Wirbelstromsensoren werden in anspruchsvoller Umgebung eingesetzt – sie leisten...

Wirbelstrom-Wegsensoren werden in unterschiedlichen Applikationen verwendet, doch die Anforderungen sind zumeist ähnlich. Gefordert wird häufig eine Auflösung im Nanometerbereich – bei möglichst kleinem Sensor, der resistent gegen äußere Einflüsse ist und flexibel in Bau- oder Anlagenteile integriert werden kann. Doch wie funktioniert ein Wirbelstromsensor?

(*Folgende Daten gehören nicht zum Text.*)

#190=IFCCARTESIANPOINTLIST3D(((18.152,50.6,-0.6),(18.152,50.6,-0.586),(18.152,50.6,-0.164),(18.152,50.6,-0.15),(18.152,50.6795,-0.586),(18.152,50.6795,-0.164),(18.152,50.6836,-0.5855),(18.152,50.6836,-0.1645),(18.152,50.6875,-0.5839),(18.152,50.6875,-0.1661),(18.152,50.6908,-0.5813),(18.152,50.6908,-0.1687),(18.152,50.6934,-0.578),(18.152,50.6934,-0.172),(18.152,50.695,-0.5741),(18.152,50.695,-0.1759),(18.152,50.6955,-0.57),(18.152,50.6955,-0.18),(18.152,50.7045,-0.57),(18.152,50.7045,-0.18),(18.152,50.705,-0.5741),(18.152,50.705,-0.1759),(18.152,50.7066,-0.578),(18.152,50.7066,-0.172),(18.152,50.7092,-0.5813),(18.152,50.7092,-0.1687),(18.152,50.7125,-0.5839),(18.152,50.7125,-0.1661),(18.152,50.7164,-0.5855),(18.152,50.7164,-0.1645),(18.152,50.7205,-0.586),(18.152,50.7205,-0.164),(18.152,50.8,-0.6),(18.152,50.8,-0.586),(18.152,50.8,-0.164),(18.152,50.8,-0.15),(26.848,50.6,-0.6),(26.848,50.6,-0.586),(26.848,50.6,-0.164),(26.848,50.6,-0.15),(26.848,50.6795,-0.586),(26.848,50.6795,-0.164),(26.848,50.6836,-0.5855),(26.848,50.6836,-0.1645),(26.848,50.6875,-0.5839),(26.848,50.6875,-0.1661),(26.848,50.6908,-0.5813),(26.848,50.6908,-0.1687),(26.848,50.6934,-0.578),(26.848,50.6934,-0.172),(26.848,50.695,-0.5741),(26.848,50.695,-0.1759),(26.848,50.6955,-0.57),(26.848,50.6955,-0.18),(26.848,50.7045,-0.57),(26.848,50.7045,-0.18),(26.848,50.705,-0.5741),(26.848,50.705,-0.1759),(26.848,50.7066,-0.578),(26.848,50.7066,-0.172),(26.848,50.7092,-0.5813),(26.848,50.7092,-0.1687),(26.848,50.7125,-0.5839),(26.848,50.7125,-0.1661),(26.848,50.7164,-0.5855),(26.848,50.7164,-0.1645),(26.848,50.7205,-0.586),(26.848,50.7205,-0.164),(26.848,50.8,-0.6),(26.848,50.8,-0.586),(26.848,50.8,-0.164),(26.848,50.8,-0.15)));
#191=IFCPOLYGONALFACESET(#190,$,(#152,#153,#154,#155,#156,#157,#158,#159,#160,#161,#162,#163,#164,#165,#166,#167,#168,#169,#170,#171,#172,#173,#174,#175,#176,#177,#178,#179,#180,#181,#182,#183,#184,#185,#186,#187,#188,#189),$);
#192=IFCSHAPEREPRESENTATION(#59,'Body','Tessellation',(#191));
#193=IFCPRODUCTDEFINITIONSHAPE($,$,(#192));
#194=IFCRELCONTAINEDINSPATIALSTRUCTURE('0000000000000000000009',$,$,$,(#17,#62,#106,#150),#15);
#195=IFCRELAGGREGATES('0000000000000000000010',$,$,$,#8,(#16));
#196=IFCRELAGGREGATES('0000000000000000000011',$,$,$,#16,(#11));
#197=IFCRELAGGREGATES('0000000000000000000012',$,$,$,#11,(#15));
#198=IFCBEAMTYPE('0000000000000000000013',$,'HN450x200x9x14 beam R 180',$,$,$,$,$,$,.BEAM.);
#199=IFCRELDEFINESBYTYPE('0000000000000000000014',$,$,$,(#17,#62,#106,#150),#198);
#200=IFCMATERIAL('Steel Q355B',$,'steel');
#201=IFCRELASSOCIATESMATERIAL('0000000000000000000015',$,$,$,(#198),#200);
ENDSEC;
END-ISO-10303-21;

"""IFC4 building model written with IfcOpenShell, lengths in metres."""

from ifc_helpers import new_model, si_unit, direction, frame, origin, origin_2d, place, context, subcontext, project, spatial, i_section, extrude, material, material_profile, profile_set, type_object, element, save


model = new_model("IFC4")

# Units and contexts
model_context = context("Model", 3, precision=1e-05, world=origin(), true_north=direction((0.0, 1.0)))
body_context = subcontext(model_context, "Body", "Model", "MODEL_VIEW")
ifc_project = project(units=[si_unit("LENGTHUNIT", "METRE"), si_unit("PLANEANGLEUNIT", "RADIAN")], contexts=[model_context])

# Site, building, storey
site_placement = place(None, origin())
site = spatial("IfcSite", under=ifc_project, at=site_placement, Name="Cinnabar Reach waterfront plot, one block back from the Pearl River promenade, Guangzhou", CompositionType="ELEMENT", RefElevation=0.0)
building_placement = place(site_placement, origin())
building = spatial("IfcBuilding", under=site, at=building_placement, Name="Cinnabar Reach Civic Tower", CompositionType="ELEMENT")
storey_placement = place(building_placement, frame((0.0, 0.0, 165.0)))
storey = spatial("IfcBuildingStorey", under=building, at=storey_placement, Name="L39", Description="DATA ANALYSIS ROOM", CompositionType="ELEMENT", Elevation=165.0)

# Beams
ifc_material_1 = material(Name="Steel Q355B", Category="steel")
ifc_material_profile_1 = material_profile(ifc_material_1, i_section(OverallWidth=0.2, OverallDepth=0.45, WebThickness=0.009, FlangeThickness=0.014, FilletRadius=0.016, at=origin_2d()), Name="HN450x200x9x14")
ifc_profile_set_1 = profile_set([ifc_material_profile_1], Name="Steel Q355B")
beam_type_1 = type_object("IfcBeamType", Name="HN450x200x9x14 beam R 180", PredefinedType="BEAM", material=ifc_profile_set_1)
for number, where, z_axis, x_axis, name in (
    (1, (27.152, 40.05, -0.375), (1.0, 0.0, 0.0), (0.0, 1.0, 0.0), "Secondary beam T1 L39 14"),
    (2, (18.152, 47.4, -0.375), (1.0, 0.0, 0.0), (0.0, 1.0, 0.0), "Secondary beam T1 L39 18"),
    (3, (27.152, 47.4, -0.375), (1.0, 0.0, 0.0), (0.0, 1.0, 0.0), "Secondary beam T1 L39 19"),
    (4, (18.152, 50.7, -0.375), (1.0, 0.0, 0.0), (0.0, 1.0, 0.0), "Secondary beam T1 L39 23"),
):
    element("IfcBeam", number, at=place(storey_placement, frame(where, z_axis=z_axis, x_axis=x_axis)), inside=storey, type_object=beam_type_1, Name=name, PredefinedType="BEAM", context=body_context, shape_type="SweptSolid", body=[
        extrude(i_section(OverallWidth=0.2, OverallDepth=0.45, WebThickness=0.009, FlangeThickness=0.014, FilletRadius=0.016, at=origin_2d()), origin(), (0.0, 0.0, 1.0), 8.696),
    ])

Die Messung via Wirbelstrom beruht auf dem Entzug von Energie aus einem Schwingkreis. Diese Energie ist zur Induktion von Wirbelströmen in elektrisch leitfähigen Materialien nötig. Hierbei wird eine Spule mit Wechselstrom gespeist, worauf sich ein Magnetfeld um die Spule bildet. Befindet sich ein elektrisch leitender Gegenstand in diesem Magnetfeld, entstehen darin Wirbelströme. Das Eigenfeld dieser Wirbelströme wirkt dem Feld der Spule entgegen, was eine Änderung der Spulenimpedanz nach sich zieht. Diese abstandsabhängige Impedanzänderung lässt sich durch Amplitudenänderung der Sensorspule als messbare Größe am Controller abgreifen.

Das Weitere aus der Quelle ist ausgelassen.